Contemplating Cezanne
Today in one of my graduate school classes, we had a guest speaker who discussed the concept of a public diary. The prospect of chronicling my art historical thoughts piqued my interest; I frequently write, edit, write, and then repeat the process.
The flow and lapse of time in the Cezanne paintings at The Art Institute of Chicago pulled me in. Cezanne created a mysterious group of bathers in The Bathers 1899-1904 due to their loosely detailed faces and the robustness of their muscles. I looked up at the scene of scant branches and leaves and wondered, "Is this a branch?" What are these leaves?
Not because I was overthinking the painting, but because Cezanne enacted a movement that relied heavily on the viewers' particular sense of space and transmitted discrete moments rather than a single portrait.
Cezanne frequently visited groups of bathers during his life, yet this depiction of bathers feels ageless.
Each androgynous body has blue boundaries around its glutes, quads, and calves. Despite this, looking at their entire body, their feet are scarcely represented in any depth. This scene was made even more ethereal by the level of muscle areas and the loose rendition of feet.
I was and still am intrigued by the brown marking on the right-hand side of the narrow tree trunk. Is this figure a tree because of the brown that mimics bark? Is it a tree, as the slender, intentional movement suggests?

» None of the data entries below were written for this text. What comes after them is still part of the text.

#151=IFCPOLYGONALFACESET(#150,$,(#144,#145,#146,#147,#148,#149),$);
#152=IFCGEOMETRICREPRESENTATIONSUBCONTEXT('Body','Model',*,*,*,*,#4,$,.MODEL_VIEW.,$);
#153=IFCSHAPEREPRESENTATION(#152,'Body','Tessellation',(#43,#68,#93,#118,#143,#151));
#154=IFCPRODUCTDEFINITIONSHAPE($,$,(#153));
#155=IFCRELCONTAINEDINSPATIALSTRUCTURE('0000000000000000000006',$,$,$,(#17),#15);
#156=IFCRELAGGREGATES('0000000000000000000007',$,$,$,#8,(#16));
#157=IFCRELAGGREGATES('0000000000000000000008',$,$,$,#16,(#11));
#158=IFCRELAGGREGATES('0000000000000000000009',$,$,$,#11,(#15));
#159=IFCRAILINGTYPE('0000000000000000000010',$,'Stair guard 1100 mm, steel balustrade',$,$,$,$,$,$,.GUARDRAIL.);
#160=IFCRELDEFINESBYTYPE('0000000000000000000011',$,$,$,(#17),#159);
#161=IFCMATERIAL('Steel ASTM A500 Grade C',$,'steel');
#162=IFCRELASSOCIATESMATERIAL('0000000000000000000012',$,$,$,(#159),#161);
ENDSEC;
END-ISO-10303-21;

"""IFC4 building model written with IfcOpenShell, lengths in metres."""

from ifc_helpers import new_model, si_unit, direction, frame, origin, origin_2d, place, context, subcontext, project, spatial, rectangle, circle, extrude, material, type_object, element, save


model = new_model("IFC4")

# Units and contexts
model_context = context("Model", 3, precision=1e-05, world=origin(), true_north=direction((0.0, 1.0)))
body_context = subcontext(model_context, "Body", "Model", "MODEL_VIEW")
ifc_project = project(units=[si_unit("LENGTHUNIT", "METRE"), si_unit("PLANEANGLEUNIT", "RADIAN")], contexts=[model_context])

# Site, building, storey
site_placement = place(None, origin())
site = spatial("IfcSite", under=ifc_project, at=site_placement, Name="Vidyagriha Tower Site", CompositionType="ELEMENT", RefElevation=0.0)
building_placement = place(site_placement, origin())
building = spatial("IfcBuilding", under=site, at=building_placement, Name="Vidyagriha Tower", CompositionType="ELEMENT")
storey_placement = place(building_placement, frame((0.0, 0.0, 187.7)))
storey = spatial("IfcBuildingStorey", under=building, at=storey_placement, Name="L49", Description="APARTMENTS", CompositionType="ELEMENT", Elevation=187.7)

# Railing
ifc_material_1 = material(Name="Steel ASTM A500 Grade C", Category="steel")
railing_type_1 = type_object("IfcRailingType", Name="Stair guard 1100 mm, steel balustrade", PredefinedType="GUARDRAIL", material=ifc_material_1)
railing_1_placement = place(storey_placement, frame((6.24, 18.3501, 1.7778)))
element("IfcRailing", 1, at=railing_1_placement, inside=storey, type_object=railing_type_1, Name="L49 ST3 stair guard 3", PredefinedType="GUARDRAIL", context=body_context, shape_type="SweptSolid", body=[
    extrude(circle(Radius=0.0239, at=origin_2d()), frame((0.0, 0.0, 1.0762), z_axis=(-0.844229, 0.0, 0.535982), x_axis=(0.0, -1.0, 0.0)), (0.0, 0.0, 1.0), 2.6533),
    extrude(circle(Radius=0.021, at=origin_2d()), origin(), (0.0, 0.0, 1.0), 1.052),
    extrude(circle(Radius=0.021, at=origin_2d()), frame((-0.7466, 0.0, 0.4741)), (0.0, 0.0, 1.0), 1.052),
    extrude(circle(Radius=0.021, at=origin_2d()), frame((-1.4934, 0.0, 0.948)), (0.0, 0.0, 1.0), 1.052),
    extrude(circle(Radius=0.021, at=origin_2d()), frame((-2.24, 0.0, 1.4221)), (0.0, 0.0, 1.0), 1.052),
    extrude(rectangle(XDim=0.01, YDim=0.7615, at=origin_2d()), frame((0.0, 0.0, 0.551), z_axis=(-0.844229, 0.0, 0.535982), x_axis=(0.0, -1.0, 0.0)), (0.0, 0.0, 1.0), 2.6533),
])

As I continued to look, I noticed additional contradictions. The sun, or rather the positioning of the yellow in the middle, appeared to be representative of the sun, or did I think that because a circular yellow marker existed amid the foliage of the trees? Cezanne produces a recollection, or, more accurately, engages the observer in order to delve into their memories. Each feature I see has less to do with the realistic qualities and more to do with Cezanne compartmentalizing sections and producing these nostalgic moments with color placement.